Newsgroups: comp.parallel.mpi
From: Richard Barrett <rbarrett@lanl.gov>
Subject: Re: MPI vs. shmem
Organization: Los Alamos National Laboratory
Date: Wed, 01 Apr 1998 09:18:17 -0700
Mime-Version: 1.0
Content-Type: text/plain; charset=us-ascii
Content-Transfer-Encoding: 7bit
Message-ID: <352268C9.67C5@lanl.gov>

> By learning shmem: 
> 1) My code runs faster than using MPI; 
> 2) I learned a great deal more about how the machine works;

Exactly. In fact, you really just found out how MPI works
on the T3D: MPI is implemented using SHMEM. (Obvious, since
SHMEM is how the T3D moves data from one processor to another.)
Since MPI is a send/recv setup, two or three shmems are
used to accomplish this.

BTW, it should be noted that simply claiming shmemput has a
3-4 us latency while MPI is 12-15 us (?) is not necessarily
identifying what's happening in a code.

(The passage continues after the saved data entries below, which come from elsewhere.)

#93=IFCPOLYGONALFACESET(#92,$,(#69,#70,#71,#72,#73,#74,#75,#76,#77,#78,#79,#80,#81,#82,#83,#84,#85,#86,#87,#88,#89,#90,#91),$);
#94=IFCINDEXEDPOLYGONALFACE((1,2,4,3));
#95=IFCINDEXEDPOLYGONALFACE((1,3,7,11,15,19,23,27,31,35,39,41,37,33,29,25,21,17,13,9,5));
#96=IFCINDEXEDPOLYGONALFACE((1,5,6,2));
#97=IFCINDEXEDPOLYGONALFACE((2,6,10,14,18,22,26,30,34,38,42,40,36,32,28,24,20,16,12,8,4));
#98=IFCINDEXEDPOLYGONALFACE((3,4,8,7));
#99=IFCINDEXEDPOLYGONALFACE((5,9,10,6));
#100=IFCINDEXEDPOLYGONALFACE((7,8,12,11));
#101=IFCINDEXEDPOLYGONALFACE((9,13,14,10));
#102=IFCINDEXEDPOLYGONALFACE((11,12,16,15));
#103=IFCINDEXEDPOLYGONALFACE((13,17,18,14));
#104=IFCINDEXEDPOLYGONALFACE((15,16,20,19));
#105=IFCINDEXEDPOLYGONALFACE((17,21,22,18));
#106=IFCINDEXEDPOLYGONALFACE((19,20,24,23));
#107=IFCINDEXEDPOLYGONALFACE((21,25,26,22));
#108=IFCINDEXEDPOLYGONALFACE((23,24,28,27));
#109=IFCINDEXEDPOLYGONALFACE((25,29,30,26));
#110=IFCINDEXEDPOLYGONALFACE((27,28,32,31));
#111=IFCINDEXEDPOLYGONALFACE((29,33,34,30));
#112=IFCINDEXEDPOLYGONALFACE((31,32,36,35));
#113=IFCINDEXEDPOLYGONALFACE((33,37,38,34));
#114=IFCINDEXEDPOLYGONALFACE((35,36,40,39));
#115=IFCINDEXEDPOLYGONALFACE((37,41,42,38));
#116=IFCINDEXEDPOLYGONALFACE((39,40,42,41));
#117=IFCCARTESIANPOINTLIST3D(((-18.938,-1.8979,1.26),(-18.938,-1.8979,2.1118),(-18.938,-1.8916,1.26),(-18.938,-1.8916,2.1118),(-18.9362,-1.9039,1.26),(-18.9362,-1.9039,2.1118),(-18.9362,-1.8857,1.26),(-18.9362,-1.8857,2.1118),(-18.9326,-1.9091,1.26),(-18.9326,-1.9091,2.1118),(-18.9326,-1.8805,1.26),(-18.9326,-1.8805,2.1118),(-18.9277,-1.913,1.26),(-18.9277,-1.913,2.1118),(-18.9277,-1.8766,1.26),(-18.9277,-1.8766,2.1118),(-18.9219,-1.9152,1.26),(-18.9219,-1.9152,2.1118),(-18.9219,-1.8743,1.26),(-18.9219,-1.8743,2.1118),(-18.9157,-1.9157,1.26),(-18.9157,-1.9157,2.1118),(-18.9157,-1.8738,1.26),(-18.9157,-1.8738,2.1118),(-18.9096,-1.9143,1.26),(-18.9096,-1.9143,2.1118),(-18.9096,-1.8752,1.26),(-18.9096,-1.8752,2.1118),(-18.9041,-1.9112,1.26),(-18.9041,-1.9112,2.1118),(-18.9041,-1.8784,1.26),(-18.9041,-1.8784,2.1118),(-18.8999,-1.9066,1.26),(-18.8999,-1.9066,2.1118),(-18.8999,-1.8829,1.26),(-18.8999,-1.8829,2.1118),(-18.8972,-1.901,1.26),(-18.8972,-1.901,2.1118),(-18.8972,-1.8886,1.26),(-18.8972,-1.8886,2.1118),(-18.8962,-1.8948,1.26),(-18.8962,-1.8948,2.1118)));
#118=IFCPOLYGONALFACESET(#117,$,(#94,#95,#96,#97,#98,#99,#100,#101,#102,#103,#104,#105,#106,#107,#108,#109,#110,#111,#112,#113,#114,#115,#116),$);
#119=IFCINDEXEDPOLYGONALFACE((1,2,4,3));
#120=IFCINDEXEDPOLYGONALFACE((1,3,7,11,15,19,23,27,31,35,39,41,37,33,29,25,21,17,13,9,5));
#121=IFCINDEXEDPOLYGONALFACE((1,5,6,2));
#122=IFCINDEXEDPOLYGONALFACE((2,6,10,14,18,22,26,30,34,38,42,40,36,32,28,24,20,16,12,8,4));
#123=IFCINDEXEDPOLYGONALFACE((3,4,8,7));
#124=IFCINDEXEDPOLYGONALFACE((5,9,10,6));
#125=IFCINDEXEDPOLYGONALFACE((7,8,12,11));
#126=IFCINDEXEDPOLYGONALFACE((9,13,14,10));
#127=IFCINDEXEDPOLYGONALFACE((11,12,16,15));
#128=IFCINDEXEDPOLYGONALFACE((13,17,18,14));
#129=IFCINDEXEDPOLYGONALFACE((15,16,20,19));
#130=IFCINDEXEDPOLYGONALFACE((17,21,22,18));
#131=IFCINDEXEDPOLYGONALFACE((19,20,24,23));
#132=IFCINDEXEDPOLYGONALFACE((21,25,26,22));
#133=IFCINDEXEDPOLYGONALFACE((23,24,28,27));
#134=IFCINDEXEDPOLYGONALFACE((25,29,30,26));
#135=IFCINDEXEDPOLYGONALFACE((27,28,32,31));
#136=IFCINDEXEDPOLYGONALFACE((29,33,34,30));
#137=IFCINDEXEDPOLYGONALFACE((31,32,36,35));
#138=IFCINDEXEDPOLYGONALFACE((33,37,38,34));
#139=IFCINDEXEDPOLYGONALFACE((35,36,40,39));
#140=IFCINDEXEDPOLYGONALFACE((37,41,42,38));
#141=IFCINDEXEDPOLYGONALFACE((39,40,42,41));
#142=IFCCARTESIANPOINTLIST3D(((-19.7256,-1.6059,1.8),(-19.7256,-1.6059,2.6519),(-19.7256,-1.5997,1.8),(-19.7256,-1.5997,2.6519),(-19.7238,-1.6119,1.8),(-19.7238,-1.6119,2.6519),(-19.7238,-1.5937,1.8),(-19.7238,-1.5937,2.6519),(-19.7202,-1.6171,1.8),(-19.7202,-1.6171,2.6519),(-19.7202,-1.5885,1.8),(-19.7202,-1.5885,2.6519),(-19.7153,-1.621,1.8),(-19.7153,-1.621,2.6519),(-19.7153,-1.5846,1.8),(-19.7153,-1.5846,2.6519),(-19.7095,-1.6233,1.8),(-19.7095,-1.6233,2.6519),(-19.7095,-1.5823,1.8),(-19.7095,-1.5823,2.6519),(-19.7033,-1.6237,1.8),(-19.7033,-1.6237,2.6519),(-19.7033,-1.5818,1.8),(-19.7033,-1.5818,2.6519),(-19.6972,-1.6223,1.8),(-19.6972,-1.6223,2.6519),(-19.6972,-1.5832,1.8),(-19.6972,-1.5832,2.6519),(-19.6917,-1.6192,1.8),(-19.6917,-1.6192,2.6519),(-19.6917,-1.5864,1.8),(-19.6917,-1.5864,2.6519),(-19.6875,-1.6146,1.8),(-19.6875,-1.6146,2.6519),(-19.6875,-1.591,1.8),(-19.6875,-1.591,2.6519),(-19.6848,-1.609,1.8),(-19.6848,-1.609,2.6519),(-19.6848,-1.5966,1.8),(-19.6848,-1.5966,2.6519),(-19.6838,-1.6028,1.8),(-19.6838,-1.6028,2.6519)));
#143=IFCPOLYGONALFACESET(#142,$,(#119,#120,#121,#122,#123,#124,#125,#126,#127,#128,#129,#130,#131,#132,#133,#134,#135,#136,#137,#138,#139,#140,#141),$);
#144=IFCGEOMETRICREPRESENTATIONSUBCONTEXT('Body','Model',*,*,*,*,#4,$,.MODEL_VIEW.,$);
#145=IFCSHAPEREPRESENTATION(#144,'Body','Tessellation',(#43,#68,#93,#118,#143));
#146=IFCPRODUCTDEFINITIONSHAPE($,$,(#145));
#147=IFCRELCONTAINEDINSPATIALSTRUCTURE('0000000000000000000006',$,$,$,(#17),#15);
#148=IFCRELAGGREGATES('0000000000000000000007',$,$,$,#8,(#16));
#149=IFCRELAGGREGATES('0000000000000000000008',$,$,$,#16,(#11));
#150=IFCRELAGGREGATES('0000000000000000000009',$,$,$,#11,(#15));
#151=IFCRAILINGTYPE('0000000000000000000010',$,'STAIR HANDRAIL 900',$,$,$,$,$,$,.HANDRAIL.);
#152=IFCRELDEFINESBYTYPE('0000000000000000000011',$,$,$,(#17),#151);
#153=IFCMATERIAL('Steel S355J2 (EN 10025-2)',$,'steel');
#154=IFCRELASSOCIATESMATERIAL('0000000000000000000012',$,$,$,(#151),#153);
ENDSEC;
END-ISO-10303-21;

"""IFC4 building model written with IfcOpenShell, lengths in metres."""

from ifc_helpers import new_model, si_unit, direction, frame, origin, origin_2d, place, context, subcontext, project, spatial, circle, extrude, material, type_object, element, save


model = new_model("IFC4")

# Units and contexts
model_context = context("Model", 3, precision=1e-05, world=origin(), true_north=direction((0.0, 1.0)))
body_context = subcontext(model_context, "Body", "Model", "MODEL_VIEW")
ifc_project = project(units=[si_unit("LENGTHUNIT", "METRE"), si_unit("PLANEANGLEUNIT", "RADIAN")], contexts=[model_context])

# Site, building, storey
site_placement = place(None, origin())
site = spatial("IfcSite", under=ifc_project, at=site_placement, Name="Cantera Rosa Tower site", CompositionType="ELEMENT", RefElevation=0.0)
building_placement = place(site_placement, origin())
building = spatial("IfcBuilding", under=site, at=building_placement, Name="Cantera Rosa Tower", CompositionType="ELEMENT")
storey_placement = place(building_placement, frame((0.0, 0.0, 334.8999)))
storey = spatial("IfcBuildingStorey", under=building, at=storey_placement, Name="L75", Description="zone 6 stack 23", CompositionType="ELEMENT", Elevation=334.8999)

The use of shmem often
requires the use of barriers are well as cache flushes, so that
time should be included. So a true measure of shmem vs. MPI would
be wall clock time of a quality application implementation that
uses both. (Also note that shmemget is slower than put because it
is implemented using put.)

Anyway, it seems reasonable that if you have the time and inclination
to use a faster data movement mechanism that you would use it. 


Richard

[Please note that this is a rough sketch of what I've been told
is happening on the T3D. Perhaps an implementor or two will
correct me or add details.]